Another aspect of Western training and combat doctrine is that you rapidly modify your tactics and training as a result of recent, or ongoing combat experiences. NATO nations supplying Ukraine with vast quantities of weapons and equipment noted how the Ukrainians performed. For example, peacetime training standards called for months of training before troops were ready to effectively use Patriot Air Defense systems. The Ukrainians did it in weeks. The Ukrainians not only learned how to operate Patriot systems but also developed new uses. This surprised and pleased the Americans providing the equipment because the Ukrainians were making Patriot useful for all users. The Americans took notes and modified their performance specs and training methods.

The Ukrainian experience was somewhat unique because the Ukrainians had decades of experience with tweaking and upgrading existing systems. When Ukraine became independent in 1991, they inherited large quantities of Russian Cold War era weapons and equipment. Ukraine had been arguably the center of weapons development, production, and upgrades while part of the Soviet Union. After 1991 they merged those skills with newly acquired Western marketing savvy. The Ukrainians modified and upgraded their Soviet era weapons to be more attractive to potential buyers. By 2014 Ukrainian had made all this into a sizable portion of their economy. The Ukrainian skills and speed with learning and modifying new Western weapons was, in hindsight, obvious.

The Russians did not pay attention. The poor performance of the Russian military in Ukraine during its 2022 invasion was not a surprise to everyone. Journalists, politicians in general and the Russians were taken by surprise but military historians, the U.S. Army and the Ukrainian military were not. That’s because the American army finally realized, in the 1980s, that a fundamental problem in warfare was not paying attention to what had worked in the past and why. Those who possess this predictive capability also know that it’s best to keep quiet about what they know because the enemy will adapt once the shooting starts, and some foes do that rather quickly. Most do not because admitting you were wrong is something most senior military commander’s resist.

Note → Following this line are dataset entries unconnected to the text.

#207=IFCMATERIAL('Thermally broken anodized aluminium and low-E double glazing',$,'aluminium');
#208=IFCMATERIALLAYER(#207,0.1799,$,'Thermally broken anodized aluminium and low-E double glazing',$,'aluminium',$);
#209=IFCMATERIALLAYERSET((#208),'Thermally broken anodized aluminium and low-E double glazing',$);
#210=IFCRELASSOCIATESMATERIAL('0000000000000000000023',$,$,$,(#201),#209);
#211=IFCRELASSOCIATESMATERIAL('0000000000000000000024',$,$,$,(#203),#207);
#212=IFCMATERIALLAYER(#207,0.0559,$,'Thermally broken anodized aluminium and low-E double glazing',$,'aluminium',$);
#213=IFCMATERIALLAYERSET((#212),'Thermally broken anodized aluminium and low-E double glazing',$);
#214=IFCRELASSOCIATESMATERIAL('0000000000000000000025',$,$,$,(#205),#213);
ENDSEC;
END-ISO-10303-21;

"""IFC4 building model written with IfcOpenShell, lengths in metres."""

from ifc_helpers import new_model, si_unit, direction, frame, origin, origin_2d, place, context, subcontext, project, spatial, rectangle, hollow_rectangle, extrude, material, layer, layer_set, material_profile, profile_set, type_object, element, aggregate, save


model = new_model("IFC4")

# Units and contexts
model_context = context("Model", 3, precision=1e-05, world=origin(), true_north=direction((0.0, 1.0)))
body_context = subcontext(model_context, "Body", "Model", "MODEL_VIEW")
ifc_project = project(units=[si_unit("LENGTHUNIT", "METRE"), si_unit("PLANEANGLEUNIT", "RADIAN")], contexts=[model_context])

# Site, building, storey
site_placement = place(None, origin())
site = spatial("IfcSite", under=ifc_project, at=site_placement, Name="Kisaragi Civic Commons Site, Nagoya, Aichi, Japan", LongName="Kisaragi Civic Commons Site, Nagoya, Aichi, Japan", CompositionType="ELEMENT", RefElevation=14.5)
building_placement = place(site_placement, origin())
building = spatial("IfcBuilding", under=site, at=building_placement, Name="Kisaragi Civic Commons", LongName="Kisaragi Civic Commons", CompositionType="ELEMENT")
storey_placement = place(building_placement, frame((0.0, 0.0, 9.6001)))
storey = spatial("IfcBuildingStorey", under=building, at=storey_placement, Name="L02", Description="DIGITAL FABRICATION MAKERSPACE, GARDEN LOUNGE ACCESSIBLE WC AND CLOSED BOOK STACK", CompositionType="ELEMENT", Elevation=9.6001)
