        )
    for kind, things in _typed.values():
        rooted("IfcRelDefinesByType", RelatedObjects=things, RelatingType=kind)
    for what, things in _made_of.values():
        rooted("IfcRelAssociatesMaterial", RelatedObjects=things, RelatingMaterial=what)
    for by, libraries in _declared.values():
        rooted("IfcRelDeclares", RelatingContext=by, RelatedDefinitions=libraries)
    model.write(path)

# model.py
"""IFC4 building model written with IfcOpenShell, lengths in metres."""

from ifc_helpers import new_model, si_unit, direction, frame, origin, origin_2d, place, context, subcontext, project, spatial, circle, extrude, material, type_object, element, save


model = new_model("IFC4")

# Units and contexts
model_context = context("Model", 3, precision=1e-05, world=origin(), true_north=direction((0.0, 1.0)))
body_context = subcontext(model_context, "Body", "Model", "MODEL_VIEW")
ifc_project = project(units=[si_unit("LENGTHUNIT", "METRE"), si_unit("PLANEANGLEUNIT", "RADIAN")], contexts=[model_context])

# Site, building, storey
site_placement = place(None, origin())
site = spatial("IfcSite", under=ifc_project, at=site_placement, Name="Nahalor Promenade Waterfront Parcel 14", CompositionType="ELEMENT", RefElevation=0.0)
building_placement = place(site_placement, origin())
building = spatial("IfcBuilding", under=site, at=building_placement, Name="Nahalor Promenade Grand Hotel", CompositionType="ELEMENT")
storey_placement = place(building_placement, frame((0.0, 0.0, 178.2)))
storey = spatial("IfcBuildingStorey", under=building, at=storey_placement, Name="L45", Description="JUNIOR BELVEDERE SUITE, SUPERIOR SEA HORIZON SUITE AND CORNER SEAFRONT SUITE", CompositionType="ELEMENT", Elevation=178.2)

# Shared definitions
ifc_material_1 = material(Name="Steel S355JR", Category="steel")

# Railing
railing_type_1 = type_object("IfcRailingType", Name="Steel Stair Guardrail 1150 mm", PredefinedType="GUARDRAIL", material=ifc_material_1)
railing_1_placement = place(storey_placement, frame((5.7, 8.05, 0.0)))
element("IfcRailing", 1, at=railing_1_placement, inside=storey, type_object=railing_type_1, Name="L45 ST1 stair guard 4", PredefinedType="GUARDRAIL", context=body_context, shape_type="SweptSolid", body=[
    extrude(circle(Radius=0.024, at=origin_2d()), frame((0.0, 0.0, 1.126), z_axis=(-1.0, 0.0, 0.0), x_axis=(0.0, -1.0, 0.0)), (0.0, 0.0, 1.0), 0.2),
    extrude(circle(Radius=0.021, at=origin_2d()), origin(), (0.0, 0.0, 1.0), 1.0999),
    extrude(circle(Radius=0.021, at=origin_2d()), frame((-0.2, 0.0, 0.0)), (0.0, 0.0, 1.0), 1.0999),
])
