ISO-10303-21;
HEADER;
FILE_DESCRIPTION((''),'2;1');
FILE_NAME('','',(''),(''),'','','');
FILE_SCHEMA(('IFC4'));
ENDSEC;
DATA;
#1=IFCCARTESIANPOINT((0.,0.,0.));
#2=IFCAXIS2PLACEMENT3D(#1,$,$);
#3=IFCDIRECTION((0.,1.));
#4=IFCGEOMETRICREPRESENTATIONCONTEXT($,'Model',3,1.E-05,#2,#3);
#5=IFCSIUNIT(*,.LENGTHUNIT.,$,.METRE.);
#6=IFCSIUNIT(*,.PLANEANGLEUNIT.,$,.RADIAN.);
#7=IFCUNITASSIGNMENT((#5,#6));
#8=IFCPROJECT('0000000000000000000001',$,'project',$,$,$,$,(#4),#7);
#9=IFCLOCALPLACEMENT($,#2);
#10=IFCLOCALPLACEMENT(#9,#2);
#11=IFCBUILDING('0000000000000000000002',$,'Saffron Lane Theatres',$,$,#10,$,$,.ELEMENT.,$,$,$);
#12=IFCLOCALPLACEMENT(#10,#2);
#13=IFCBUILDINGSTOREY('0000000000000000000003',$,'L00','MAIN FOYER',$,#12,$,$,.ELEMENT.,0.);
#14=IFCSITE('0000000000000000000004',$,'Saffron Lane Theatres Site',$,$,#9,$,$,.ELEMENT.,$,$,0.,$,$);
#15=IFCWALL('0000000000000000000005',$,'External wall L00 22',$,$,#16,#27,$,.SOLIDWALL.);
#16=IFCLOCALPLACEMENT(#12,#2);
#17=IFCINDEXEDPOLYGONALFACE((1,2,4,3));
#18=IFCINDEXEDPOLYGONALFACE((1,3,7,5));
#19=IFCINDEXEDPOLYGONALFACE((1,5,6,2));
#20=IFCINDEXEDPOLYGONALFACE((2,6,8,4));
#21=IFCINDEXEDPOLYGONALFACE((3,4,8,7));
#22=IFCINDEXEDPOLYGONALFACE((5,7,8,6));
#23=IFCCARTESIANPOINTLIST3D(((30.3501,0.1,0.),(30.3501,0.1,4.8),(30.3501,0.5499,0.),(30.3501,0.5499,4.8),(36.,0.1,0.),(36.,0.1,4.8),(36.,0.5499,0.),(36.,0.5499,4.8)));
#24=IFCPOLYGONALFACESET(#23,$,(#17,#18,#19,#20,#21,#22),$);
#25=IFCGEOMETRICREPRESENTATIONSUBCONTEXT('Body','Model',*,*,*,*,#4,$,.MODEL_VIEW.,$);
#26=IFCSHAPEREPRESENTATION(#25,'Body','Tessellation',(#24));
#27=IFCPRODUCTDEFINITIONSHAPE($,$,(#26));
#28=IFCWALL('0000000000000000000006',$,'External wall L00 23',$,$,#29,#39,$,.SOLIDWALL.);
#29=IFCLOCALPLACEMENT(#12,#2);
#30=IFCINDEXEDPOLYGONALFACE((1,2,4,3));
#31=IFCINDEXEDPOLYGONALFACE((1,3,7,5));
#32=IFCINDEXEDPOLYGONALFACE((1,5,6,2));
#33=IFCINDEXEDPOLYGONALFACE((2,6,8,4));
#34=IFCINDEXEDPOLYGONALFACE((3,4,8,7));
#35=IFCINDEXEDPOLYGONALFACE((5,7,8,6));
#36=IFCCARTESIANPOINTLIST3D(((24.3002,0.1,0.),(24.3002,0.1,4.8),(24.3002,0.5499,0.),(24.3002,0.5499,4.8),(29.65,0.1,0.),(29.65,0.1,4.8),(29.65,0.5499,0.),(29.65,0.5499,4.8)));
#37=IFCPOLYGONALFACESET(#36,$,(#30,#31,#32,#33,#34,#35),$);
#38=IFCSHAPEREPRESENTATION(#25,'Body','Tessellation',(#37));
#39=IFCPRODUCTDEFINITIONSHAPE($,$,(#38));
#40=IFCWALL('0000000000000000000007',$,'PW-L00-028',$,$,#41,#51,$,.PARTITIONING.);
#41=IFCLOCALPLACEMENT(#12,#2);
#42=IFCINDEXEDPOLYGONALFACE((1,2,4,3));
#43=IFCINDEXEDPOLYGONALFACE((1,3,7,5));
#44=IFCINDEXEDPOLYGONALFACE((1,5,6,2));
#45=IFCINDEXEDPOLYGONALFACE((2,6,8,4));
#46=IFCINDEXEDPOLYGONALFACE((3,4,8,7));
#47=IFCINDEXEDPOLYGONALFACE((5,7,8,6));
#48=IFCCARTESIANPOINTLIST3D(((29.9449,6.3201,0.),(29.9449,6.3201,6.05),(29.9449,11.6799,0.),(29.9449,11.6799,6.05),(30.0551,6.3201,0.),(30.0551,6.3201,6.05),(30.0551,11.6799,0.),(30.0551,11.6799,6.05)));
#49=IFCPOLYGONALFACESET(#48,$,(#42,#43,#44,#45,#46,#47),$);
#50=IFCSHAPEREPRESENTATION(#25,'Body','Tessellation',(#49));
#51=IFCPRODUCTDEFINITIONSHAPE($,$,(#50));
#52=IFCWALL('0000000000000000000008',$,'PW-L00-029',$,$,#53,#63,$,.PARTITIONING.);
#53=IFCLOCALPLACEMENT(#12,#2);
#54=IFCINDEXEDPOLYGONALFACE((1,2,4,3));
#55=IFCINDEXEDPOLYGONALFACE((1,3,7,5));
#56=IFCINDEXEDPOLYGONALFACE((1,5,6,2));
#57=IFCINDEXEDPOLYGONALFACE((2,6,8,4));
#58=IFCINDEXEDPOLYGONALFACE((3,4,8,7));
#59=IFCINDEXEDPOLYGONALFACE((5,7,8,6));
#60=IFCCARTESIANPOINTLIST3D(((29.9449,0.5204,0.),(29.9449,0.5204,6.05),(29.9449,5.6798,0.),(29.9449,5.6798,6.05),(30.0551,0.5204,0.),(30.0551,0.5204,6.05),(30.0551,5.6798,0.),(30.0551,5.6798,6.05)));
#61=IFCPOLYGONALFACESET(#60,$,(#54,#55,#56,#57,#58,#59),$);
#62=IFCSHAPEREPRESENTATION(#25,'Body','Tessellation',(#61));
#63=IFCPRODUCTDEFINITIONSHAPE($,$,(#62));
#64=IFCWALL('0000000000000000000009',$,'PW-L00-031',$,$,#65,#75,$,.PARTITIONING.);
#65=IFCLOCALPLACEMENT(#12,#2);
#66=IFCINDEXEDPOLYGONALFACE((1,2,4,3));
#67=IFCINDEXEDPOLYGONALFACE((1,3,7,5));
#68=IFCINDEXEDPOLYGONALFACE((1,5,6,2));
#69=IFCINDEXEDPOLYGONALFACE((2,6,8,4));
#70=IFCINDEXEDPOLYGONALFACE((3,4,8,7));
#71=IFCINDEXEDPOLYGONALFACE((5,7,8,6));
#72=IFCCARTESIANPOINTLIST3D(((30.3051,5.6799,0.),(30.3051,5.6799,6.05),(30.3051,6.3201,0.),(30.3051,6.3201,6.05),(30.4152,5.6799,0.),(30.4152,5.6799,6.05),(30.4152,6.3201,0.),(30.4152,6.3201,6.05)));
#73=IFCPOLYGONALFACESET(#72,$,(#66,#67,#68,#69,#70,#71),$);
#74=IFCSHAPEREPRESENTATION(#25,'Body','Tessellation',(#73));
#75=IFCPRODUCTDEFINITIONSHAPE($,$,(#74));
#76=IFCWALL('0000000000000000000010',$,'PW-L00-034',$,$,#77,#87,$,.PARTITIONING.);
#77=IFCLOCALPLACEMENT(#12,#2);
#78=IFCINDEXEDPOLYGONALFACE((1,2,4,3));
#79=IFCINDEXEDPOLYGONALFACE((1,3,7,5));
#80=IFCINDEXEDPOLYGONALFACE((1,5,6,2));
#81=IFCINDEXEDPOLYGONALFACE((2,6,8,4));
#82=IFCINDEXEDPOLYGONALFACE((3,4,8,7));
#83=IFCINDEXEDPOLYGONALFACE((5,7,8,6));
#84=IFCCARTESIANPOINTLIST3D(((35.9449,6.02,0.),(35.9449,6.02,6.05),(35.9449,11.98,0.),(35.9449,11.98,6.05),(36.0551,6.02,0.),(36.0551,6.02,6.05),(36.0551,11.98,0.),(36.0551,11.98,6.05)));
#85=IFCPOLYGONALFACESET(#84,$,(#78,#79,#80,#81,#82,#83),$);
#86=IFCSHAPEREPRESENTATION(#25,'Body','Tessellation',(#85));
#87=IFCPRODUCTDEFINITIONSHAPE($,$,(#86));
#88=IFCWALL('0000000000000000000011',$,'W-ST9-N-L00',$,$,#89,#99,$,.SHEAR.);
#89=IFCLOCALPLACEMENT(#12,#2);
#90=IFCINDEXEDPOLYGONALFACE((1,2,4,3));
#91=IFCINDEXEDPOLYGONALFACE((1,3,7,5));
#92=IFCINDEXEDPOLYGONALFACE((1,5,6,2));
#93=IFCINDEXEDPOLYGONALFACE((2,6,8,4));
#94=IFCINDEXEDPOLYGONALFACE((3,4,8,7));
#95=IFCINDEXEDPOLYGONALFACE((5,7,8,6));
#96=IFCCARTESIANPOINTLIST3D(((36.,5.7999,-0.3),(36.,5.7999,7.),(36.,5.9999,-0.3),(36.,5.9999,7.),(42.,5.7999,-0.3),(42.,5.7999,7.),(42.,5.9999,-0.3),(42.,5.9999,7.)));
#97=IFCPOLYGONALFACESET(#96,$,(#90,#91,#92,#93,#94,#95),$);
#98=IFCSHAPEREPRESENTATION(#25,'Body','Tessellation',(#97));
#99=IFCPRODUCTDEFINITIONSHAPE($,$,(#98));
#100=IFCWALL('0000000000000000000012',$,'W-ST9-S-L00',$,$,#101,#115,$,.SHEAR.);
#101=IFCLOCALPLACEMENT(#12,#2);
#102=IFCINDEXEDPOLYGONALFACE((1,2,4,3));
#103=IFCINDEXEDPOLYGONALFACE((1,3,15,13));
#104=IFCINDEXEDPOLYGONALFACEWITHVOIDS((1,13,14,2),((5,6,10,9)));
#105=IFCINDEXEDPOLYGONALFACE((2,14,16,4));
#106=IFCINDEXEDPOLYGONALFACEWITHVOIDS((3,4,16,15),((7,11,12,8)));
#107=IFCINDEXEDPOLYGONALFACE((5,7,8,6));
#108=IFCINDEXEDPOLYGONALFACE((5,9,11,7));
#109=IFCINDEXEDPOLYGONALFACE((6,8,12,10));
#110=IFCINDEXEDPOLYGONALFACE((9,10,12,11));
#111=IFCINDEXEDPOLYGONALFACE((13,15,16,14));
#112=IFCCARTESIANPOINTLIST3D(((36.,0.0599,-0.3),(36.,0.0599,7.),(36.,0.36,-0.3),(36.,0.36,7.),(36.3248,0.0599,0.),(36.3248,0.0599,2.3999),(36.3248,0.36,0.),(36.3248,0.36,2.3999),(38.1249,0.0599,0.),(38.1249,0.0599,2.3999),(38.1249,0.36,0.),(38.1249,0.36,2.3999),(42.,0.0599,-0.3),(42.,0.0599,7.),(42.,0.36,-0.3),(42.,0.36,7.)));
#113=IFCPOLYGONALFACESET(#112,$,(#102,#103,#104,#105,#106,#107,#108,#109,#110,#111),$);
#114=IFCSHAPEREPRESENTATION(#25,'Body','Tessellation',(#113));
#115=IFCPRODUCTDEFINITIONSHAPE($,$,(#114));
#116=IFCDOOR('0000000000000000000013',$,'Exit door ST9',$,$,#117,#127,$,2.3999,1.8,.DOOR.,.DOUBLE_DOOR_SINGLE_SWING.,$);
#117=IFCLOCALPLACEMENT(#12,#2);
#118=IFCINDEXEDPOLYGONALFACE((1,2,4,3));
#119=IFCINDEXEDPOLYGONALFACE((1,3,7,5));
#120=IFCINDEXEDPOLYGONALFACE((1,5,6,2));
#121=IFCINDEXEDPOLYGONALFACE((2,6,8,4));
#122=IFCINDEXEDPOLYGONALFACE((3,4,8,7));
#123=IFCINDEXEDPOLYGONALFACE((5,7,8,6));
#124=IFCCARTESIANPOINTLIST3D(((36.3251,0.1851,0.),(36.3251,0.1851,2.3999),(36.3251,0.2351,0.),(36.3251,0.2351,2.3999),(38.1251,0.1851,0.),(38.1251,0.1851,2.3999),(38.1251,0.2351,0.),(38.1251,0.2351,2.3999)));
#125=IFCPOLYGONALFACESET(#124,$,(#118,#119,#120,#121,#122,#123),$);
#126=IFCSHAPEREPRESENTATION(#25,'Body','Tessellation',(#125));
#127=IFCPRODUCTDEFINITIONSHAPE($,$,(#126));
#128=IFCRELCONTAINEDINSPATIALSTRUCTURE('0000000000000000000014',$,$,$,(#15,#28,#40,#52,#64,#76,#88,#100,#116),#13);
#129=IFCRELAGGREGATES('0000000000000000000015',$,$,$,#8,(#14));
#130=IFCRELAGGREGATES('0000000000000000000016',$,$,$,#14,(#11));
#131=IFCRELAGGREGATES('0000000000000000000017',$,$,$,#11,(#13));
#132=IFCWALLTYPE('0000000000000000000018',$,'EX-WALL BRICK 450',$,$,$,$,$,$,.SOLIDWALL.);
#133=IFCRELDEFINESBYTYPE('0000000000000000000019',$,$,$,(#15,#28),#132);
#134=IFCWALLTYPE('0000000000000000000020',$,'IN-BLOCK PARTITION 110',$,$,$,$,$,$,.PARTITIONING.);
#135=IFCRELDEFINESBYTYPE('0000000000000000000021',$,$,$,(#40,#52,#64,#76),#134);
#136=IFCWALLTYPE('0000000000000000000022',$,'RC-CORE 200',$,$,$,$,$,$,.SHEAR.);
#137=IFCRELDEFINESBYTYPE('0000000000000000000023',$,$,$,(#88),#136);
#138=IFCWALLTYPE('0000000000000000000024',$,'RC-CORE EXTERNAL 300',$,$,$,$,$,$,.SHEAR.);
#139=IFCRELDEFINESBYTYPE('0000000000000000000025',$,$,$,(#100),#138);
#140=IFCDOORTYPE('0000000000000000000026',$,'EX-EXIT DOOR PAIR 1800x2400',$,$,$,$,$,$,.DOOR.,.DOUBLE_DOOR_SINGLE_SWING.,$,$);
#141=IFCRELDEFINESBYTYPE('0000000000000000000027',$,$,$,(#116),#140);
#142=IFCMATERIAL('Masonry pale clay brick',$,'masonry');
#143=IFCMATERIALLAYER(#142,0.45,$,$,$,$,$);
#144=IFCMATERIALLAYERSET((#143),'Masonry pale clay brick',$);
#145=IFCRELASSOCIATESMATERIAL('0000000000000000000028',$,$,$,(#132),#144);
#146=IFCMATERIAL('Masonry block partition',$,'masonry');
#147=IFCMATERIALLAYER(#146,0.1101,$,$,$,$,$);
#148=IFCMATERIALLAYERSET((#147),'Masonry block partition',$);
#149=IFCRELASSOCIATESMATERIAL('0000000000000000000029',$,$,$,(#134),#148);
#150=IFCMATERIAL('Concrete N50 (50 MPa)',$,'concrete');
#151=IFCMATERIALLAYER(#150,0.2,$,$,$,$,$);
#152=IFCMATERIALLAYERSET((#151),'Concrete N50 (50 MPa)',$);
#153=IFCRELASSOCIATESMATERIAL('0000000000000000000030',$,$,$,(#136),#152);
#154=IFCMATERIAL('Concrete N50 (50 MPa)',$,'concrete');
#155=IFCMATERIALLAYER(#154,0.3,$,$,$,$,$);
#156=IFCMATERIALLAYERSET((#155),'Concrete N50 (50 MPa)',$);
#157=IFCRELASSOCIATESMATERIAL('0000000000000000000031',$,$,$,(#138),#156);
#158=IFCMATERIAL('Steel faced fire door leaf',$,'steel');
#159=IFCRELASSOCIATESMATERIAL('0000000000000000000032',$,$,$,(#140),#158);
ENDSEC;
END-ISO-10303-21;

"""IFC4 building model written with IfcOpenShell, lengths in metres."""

from ifc_helpers import new_model, si_unit, direction, frame, frame_2d, origin, place, context, subcontext, project, spatial, rectangle, extrude, material, layer, layer_set, type_object, element, fill, save


model = new_model("IFC4")

# Units and contexts
model_context = context("Model", 3, precision=1e-05, world=origin(), true_north=direction((0.0, 1.0)))
body_context = subcontext(model_context, "Body", "Model", "MODEL_VIEW")
ifc_project = project(units=[si_unit("LENGTHUNIT", "METRE"), si_unit("PLANEANGLEUNIT", "RADIAN")], contexts=[model_context])

# Site, building, storey
site_placement = place(None, origin())
site = spatial("IfcSite", under=ifc_project, at=site_placement, Name="Saffron Lane Theatres Site", CompositionType="ELEMENT", RefElevation=0.0)
building_placement = place(site_placement, origin())
building = spatial("IfcBuilding", under=site, at=building_placement, Name="Saffron Lane Theatres", CompositionType="ELEMENT")
storey_placement = place(building_placement, origin())
storey = spatial("IfcBuildingStorey", under=building, at=storey_placement, Name="L00", Description="MAIN FOYER", CompositionType="ELEMENT", Elevation=0.0)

The Americans have CALL, which records mistakes as well as successes and helps users do what works and avoid what doesn’t and do it all in a timely manner. Because of the Ukraine War CALL now has a lot of useful advice on the use and abuse of UAVs. The developers of a new Americans scout helicopter made contributions to CALL on how not to solve problems using older technology when cheaper new tech like cheap UAVs were available.